USD/JPY Steadies at 158.50 With Intervention Risk Rising

The Japanese yen recovered some of its early losses against the US dollar on Tuesday. During the European session, USD/JPY settled around 158.50, having briefly touched 159. This was too close to the 160 level where Japanese authorities stepped in to protect the currency in 2024, which was not a good sign.
The pair changed direction along with a general rise in risk appetite after President Trump put a five-day hold on strikes against Iran's power grid. This caused the DXY to drop from an afternoon high of 99.45 to level off near 99.15, while S&P 500 futures went up around 6,600.
There are now two forces pulling USD/JPY in different directions at the same time, and the tension between them is rising.
Japan Steps Up the Currency Warning Rhetoric
Tuesday, Tokyo's Finance Minister Satsuki Katayama made the city's language more direct by saying the government was ready to act "on all fronts" to deal with yen betting volatility. That's on purpose—in the past, Japanese officials have gone from giving verbal warnings to directly stepping into the market when USD/JPY approaches or breaks 160, which is a level that the pair is now very close to.
The Middle East strife is built into the way the yen is weak. About 90% of Japan's oil comes from this area. This means that a long-term closure of the Strait of Hormuz doesn't just affect global energy markets; it also directly raises Japan's import costs, puts pressure on the current account, and weakens the yen through real trade routes instead of just speculation. The dollar has gained 1.3% against the yen so far this year, and 5.9% over the last 12 months. This is because of the growing pressure from the U.S.-Israeli war on Iran.
As long as the yen stays weak, carry trade moves into U.S. assets will continue, which indirectly supports the dollar.

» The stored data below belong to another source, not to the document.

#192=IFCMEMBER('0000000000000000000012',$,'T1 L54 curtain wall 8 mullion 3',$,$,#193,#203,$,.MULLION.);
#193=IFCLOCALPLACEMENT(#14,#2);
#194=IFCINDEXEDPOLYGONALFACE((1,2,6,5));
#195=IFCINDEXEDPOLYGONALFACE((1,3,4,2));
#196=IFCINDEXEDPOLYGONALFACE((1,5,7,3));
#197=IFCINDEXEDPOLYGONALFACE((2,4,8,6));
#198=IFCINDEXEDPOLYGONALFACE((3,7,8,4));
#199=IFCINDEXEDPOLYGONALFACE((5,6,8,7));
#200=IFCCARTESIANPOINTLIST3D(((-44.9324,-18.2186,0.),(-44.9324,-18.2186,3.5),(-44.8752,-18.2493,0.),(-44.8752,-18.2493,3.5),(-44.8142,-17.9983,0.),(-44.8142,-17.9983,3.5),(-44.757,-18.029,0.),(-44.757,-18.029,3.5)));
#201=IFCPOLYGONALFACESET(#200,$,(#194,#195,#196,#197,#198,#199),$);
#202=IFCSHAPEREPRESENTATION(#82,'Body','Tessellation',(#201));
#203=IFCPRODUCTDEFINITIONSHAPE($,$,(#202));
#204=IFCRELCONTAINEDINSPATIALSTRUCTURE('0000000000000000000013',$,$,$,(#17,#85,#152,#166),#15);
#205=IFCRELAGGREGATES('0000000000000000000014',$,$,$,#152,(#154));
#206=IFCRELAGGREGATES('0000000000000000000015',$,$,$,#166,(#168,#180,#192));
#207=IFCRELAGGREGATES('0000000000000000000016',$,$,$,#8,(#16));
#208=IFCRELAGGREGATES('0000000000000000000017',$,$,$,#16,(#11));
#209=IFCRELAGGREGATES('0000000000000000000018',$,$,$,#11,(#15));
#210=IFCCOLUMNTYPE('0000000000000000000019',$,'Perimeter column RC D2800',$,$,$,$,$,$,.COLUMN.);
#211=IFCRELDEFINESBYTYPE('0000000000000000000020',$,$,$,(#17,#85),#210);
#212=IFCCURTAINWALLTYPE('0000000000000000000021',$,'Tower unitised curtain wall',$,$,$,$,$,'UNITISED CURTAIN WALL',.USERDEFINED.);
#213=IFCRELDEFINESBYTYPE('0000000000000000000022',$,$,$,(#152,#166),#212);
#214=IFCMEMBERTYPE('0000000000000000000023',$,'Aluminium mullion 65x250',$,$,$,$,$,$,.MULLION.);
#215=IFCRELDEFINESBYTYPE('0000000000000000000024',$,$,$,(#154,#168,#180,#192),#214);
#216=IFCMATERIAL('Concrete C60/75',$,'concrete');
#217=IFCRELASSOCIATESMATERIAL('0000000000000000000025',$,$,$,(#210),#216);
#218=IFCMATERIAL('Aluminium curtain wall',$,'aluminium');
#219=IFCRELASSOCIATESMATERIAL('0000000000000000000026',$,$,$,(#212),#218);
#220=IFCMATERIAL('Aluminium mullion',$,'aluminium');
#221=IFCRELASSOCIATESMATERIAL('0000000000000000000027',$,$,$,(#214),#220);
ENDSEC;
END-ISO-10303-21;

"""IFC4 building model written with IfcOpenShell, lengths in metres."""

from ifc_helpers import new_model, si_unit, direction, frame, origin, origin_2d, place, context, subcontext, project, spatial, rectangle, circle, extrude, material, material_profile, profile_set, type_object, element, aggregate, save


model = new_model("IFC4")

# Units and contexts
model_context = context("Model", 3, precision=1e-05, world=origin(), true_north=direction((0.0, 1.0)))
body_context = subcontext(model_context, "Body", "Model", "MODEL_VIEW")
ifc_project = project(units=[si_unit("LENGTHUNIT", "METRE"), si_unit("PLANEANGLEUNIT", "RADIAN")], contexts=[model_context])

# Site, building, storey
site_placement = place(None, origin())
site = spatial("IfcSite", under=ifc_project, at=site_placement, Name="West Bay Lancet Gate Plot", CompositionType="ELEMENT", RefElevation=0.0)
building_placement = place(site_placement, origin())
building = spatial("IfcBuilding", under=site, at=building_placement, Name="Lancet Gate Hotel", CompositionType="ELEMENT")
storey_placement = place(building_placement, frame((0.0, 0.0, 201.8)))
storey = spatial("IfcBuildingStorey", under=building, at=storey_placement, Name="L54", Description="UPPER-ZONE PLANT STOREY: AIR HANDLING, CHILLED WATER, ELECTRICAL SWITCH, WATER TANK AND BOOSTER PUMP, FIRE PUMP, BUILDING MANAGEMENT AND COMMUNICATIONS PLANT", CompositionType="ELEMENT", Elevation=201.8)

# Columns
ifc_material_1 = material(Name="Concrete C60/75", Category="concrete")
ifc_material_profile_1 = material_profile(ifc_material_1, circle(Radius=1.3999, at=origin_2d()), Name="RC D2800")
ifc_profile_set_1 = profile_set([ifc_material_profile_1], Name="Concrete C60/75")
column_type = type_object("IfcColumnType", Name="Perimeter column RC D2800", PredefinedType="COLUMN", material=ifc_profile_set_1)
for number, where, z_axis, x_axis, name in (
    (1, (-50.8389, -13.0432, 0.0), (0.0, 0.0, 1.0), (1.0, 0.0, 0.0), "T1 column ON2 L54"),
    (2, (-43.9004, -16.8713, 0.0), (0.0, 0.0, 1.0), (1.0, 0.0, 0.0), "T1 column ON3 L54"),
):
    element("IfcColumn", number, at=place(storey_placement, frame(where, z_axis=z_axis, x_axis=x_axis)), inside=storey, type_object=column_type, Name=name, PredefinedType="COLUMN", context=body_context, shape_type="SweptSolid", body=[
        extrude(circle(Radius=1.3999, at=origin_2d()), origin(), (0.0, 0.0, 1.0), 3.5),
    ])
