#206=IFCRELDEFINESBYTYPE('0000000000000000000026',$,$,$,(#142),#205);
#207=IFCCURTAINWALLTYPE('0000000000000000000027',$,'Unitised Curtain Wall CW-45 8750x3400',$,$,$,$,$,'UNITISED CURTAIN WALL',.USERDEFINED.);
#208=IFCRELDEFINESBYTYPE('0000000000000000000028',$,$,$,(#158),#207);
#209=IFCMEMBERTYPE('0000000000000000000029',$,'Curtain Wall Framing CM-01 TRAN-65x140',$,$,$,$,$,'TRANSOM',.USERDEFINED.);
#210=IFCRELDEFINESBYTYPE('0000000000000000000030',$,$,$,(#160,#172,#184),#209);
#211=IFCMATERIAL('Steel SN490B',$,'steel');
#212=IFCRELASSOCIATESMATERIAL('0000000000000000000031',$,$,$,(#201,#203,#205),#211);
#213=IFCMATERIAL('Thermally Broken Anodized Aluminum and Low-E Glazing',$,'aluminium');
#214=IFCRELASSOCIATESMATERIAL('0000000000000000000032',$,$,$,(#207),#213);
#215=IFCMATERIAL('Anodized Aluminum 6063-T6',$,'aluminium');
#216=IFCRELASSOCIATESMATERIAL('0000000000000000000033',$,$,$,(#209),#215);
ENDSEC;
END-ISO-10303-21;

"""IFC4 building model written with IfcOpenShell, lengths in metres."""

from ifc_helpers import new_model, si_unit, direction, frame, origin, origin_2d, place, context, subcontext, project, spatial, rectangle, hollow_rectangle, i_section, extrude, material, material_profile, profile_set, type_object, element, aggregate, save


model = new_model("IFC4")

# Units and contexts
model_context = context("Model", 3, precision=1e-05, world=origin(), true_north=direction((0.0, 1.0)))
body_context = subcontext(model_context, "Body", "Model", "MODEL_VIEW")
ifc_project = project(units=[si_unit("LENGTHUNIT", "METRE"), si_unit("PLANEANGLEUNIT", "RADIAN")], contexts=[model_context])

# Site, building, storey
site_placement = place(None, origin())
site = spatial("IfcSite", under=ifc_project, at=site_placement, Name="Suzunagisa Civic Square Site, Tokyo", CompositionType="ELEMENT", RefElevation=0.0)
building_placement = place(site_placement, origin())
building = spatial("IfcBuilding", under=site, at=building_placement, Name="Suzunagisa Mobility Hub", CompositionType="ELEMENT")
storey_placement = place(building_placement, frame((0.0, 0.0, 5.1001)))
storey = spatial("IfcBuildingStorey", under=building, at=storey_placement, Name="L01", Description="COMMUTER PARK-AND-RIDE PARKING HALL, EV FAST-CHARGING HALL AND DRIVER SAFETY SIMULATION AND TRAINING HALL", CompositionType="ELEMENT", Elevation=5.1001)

The risk, which people who trade currencies are well aware of, is that a sharp yen reverse, which could be caused by intervention or a sudden BoJ pivot, could quickly undo those trades, making markets much more volatile than just the USD/JPY pair.
BoJ's Ueda Signals Wage-Price Cycle Intact — With a CPI Caveat
Tuesday, Kazuo Ueda, Governor of the Bank of Japan, gave a cautiously positive outlook on domestic inflation. He said that the BoJ expects "underlying inflation to accelerate moderately" and pointed to a tight job market and active wage-setting behavior as reasons for this. Ueda's language makes an April rate hike very likely. This would help the yen by reducing the difference in interest rates between Japan and the US, where rates are currently held at 3.50 to 3.75% with only one cut planned for 2026.
The problem is that Japan's National CPI excluding Fresh Food for February came in at 1.6% YoY, which was less than both the 1.7% estimate and the previous reading of 2.0%. This was the first reading below goal in almost four years. That miss gives BoJ "doves" a reason to argue against a move in April and creates real doubt in a rate hike plan that the market had been growing more confident about.
The USD/JPY is at 158.50. This pair is like a tight rope walk. If the Bank of Japan raises the interest rate in April the USD/JPY will go down.. If they do not raise the rate especially if the inflation rate is lower than expected the yen will stay weak and there is a chance that the government will intervene in the market.
At the time if there is fighting again in the Middle East after the five day period is over the price of oil will go up. This will put pressure on the yen because Japan has to import oil and it could make the USD/JPY go up to 160 quickly.
We need to keep an eye on the 160 level. If the USD/JPY gets close to this level because the price of oil goes up again or people get nervous, about the market the Japanese government will probably do something to stop it. They will not just stand by. Watch it happen again.